A CARONA DE SEU VADINHO



Vadinho um jovem agricultor, de segunda à sexta, sua rotina era acordar antes do galo cantar, tomava seu café seguindo para a lavoura enquanto sua companheira cuidava dos animais. Às sexta-feira juntava toda produção colocava em sua carroça puxada pelo seu cavalo baio rumando para a Freguesia de São José afim de comercializar seus produtos na feirinha da praça da Matriz. Este era o dia da semana mais importante para ele, pois além de vender seus produtos, aproveitava para colocar as “fofocas” em dia, visto que sempre havia alguém com “informações” à respeito do dia-a-dia da Freguesia. Algumas senhorias eram suas preferidas para atualizar-se dos fatos. No final do dia estava à par de tudo que acontecera naquela semana como também o que poderia acontecer nos próximos dias, diga-se de passagem raramente errava em seus prognósticos. Claro que ao chegar em casa relatava as “novidades” para sua companheira que a propósito não diferia muito das senhorias da praça, indo à fuxicar com suas comadres os relatos de Vadinho, criando um efeito telefone sem fio espetacular.
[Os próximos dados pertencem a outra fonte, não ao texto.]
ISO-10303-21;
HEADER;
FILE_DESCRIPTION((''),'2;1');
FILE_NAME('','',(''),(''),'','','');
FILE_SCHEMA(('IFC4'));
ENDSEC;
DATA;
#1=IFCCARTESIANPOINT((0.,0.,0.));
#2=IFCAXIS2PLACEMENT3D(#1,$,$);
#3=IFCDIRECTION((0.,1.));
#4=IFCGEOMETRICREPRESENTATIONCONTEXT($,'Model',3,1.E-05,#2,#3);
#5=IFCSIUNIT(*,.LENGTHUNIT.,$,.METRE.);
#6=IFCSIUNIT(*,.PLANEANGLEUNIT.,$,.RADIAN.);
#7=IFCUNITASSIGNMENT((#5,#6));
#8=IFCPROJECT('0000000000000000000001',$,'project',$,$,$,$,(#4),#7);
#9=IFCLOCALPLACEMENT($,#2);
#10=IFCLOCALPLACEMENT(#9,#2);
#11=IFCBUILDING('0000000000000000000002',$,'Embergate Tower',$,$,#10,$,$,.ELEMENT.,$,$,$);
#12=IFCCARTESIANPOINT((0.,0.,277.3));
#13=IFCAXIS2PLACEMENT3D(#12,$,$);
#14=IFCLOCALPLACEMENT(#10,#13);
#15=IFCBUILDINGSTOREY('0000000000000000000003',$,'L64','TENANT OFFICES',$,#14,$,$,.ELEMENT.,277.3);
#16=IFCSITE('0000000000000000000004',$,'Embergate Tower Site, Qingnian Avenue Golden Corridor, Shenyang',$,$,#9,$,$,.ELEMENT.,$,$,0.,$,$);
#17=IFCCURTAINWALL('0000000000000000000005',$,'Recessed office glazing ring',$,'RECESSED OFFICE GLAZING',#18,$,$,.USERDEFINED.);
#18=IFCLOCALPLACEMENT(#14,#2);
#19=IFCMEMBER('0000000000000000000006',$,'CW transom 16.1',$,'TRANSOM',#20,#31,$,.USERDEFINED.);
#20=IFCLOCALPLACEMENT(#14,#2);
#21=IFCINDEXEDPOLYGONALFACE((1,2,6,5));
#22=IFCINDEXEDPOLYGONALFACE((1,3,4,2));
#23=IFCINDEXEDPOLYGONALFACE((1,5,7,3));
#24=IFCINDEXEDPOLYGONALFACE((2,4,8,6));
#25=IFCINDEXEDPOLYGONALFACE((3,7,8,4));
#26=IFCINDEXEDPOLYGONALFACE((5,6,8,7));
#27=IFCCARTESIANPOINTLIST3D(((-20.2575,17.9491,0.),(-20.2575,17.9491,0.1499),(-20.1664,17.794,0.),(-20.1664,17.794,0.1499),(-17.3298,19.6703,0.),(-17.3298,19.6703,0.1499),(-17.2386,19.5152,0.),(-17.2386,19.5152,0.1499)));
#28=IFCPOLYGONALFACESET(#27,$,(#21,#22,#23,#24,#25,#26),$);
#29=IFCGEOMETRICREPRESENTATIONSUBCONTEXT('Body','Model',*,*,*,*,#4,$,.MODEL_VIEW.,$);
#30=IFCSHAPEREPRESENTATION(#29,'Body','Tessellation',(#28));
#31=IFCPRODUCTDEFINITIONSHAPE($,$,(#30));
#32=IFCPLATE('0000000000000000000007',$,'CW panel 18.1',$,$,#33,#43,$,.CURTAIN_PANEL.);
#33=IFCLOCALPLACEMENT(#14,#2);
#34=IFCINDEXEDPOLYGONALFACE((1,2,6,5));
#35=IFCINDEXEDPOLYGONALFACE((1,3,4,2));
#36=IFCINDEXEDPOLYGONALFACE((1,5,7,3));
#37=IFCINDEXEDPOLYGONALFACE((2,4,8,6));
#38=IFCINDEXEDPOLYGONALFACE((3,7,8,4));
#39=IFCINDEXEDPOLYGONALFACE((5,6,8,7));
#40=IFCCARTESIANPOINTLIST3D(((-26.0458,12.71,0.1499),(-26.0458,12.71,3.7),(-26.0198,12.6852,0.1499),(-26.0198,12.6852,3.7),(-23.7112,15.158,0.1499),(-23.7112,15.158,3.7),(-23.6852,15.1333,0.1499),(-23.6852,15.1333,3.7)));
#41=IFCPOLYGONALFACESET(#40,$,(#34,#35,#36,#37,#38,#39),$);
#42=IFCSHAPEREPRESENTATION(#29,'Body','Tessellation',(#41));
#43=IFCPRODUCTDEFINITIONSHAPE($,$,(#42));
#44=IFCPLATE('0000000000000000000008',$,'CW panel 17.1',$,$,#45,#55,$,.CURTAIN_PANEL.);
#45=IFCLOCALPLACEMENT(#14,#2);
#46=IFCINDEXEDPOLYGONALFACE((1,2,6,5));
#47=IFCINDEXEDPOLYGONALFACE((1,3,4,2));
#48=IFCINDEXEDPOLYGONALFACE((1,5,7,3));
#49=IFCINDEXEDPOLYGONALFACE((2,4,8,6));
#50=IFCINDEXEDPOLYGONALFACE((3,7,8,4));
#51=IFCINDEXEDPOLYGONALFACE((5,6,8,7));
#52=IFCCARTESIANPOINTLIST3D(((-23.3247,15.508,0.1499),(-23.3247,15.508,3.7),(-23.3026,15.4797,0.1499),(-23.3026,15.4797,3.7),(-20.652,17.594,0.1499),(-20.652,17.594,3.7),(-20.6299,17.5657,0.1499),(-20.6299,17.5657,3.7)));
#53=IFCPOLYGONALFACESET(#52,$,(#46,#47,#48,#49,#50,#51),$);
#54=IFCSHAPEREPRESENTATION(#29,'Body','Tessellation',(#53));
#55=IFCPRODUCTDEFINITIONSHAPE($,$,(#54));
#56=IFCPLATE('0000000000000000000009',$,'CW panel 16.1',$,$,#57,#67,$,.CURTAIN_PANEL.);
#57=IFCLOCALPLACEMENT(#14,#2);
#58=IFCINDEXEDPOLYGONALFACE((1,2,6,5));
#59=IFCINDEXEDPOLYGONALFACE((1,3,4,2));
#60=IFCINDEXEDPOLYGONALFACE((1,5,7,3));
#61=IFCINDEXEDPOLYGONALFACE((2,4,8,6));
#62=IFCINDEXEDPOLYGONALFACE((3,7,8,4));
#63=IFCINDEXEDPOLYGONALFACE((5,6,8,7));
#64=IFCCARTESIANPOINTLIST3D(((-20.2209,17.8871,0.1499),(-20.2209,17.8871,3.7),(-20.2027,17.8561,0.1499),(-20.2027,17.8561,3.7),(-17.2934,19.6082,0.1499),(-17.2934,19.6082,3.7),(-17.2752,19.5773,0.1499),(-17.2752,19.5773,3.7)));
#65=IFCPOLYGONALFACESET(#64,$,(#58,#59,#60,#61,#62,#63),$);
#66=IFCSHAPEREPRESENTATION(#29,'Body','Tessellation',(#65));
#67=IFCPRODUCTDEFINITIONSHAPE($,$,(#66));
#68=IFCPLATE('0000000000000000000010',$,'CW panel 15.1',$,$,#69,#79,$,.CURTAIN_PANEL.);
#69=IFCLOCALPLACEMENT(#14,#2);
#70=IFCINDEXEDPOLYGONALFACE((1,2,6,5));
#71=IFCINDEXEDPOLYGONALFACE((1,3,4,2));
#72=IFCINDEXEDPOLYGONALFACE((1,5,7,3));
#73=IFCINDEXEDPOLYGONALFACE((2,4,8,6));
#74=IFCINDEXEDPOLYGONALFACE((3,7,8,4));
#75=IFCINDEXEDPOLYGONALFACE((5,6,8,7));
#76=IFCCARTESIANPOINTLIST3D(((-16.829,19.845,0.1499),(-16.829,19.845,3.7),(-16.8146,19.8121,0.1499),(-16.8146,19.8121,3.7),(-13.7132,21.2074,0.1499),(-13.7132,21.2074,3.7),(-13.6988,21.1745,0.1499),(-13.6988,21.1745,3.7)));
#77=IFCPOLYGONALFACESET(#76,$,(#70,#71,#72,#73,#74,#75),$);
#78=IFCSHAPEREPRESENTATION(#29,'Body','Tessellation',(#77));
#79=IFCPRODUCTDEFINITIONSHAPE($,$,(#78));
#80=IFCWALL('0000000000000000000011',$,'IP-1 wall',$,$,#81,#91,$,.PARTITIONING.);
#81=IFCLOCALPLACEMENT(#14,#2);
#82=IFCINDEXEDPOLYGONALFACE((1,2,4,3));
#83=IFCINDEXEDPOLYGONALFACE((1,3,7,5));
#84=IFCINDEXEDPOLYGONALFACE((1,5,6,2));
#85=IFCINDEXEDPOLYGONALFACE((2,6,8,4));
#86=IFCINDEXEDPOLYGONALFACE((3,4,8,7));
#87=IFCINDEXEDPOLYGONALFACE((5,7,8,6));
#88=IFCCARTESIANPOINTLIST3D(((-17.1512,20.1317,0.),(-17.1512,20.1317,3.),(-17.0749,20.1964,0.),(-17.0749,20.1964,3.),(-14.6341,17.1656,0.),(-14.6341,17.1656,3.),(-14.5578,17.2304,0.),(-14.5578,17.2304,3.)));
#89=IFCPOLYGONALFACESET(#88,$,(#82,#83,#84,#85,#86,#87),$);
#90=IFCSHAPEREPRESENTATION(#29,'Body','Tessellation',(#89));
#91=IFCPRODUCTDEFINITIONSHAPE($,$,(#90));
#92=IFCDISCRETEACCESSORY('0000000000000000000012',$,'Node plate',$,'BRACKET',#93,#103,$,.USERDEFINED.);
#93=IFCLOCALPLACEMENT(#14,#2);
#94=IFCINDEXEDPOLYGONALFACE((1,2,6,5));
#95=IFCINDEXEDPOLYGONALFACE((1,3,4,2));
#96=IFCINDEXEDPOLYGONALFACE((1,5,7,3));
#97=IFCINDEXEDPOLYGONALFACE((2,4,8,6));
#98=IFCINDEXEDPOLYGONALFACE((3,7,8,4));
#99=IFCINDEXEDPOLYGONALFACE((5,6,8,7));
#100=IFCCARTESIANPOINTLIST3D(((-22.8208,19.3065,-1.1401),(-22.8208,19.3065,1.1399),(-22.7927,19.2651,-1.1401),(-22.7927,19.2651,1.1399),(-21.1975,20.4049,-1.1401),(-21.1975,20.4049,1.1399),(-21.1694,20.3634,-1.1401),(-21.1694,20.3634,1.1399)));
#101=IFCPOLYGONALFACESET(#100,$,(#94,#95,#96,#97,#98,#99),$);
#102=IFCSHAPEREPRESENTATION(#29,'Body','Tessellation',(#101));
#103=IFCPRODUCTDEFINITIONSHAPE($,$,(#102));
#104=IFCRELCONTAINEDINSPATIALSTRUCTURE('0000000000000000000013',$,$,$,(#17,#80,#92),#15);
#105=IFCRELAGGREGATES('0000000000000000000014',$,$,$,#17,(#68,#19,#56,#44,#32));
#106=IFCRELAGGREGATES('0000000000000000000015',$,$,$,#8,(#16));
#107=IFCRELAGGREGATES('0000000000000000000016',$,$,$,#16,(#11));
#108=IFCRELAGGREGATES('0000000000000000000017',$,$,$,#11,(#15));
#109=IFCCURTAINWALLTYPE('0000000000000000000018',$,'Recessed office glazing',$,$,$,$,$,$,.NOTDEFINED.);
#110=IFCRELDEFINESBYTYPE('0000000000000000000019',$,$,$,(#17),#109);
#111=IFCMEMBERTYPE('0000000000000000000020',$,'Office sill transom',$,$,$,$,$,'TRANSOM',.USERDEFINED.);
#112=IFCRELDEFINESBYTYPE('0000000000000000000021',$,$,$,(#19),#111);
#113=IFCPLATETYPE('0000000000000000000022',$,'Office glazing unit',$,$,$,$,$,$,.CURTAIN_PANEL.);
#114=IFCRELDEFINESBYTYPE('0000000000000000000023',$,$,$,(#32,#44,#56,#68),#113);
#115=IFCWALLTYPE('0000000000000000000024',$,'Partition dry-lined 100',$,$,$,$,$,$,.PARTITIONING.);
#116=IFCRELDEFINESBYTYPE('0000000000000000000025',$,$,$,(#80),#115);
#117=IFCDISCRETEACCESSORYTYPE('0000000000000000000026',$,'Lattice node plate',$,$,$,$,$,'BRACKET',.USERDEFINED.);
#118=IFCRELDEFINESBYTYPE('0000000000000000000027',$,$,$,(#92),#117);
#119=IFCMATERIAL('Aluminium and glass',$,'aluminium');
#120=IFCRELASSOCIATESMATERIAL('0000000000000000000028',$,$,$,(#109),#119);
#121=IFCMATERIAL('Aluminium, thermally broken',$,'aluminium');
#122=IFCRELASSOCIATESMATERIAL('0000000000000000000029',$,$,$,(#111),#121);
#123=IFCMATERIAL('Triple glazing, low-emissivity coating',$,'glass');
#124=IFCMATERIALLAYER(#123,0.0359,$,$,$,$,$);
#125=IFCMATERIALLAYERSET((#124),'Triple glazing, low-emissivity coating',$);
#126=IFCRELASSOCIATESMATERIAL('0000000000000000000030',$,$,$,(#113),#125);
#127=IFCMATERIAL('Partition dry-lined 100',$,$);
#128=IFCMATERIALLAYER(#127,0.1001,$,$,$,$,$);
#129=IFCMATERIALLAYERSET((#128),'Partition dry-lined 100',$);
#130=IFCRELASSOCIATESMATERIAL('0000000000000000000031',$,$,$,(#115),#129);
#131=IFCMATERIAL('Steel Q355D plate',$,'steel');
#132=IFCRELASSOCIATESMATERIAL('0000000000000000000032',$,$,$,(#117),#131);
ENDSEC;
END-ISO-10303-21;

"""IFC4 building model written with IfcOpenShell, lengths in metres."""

from ifc_helpers import new_model, si_unit, direction, frame, frame_2d, origin, origin_2d, place, context, subcontext, project, spatial, rectangle, extrude, source, transform, mapped, material, layer, layer_set, material_profile, profile_set, type_object, element, aggregate, save


model = new_model("IFC4")

# Units and contexts
model_context = context("Model", 3, precision=1e-05, world=origin(), true_north=direction((0.0, 1.0)))
body_context = subcontext(model_context, "Body", "Model", "MODEL_VIEW")
ifc_project = project(units=[si_unit("LENGTHUNIT", "METRE"), si_unit("PLANEANGLEUNIT", "RADIAN")], contexts=[model_context])

# Site, building, storey
site_placement = place(None, origin())
site = spatial("IfcSite", under=ifc_project, at=site_placement, Name="Embergate Tower Site, Qingnian Avenue Golden Corridor, Shenyang", CompositionType="ELEMENT", RefElevation=0.0)
building_placement = place(site_placement, origin())
building = spatial("IfcBuilding", under=site, at=building_placement, Name="Embergate Tower", CompositionType="ELEMENT")
storey_placement = place(building_placement, frame((0.0, 0.0, 277.3)))
storey = spatial("IfcBuildingStorey", under=building, at=storey_placement, Name="L64", Description="TENANT OFFICES", CompositionType="ELEMENT", Elevation=277.3)

# Curtain wall, member, plates
ifc_material_1 = material(Name="Aluminium and glass", Category="aluminium")
curtain_wall_type = type_object("IfcCurtainWallType", Name="Recessed office glazing", PredefinedType="NOTDEFINED", material=ifc_material_1)
curtain_wall_placement = place(storey_placement, origin())
curtain_wall = element("IfcCurtainWall", 1, at=curtain_wall_placement, inside=storey, type_object=curtain_wall_type, Name="Recessed office glazing ring", ObjectType="RECESSED OFFICE GLAZING", PredefinedType="USERDEFINED")
ifc_material_2 = material(Name="Aluminium, thermally broken", Category="aluminium")
ifc_material_profile_1 = material_profile(ifc_material_2, rectangle(XDim=0.1799, YDim=0.1499, at=origin_2d()), Name="AL 150x180")
ifc_profile_set_1 = profile_set([ifc_material_profile_1], Name="Aluminium, thermally broken")
member_type_1 = type_object("IfcMemberType", Name="Office sill transom", ElementType="TRANSOM", PredefinedType="USERDEFINED", material=ifc_profile_set_1)
shared_shape_1 = source(origin(), body_context, "Body", "SweptSolid", [
    extrude(rectangle(XDim=0.1799, YDim=0.1499, at=origin_2d()), origin(), (0.0, 0.0, 1.0), 3.3962),
])
member_1_placement = place(storey_placement, frame((-17.2842, 19.5928, 0.075), z_axis=(-0.862064, -0.5068, 0.0), x_axis=(0.5068, -0.862064, 0.0)))
member_1 = element("IfcMember", 2, at=member_1_placement, type_object=member_type_1, Name="CW transom 16.1", ObjectType="TRANSOM", PredefinedType="USERDEFINED", context=body_context, shape_type="MappedRepresentation", body=[
    mapped(shared_shape_1, transform((0.0, 0.0, 0.0))),
])
ifc_material_3 = material(Name="Triple glazing, low-emissivity coating", Category="glass")
ifc_layer_1 = layer(ifc_material_3, 0.0359)
ifc_layer_set_1 = layer_set([ifc_layer_1], Name="Triple glazing, low-emissivity coating")
plate_type = type_object("IfcPlateType", Name="Office glazing unit", PredefinedType="CURTAIN_PANEL", material=ifc_layer_set_1)
shared_shape_2 = source(origin(), body_context, "Body", "SweptSolid", [
    extrude(rectangle(XDim=3.3828, YDim=0.0359, at=origin_2d()), origin(), (0.0, 0.0, 1.0), 3.55),
])
plate_1_placement = place(storey_placement, frame((-24.8655, 13.9216, 0.1499), z_axis=(0.0, 0.0, 1.0), x_axis=(-0.690139, -0.723677, 0.0)))
plate_1 = element("IfcPlate", 3, at=plate_1_placement, type_object=plate_type, Name="CW panel 18.1", PredefinedType="CURTAIN_PANEL", context=body_context, shape_type="MappedRepresentation", body=[
    mapped(shared_shape_2, transform((0.0, 0.0, 0.0))),
])
shared_shape_3 = source(origin(), body_context, "Body", "SweptSolid", [
    extrude(rectangle(XDim=3.3904, YDim=0.0359, at=origin_2d()), origin(), (0.0, 0.0, 1.0), 3.55),
])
Toda primeira sexta-feira de cada mês ocorria uma novena na igreja Matriz e na terceira sexta-feira acontecia na capela Santa Filomena, datas estas preservadas pelo Vadinho, pois o mesmo era um exímio cristão temente à Deus e à igreja. Ao final do dia fechava sua banquinha seguindo para o templo à rezar o rosário entremeados de um português meio arcaico e um latim improvisado. Dizia-se um homem feliz, sem mágoas e culpas. Vivenciava uma religiosidade piedosa sem mácula. Não era assíduo frequentador do confessionário, diferente da maioria que estavam viciados em visitar seu padre naquela capelinha, inclusive sua companheira, atitude que nunca entendera, porque uma “santa” mulher necessita confessar-se? Deixa pra lá, quem sabe ela quer tomar um atalho para chegar mais rápido ao céu, cismava o jovem Vadinho.

Numa determinada sexta-feira próximo ao meio-dia abate-se sobre a cidade um temporal nunca dantes visto, forçando os feirantes e seus clientes abrigarem-se em suas casas, na igreja Matriz, inclusive na delegacia, tamanha era força dos ventos. Esta situação deixara Vadinho muito preocupado, pois sua companheira ficara só naquele “longínquo” sítio. A novena fora cancelada por falta de fiéis, as luzes não se acenderam no cair da noite provocando receios em algumas pessoas de um provável fim do mundo, o jeito fora acender velas e rezar: “Santa Bárbara, que sois mais forte que as torres das fortalezas e a violência dos furacões, fazei que os raios não me atinjam, os trovões não me assustem e o troar dos canhões não me abalem a coragem e a bravura. Ficai sempre ao meu lado {...}. Santa Bárbara rogai por nós”.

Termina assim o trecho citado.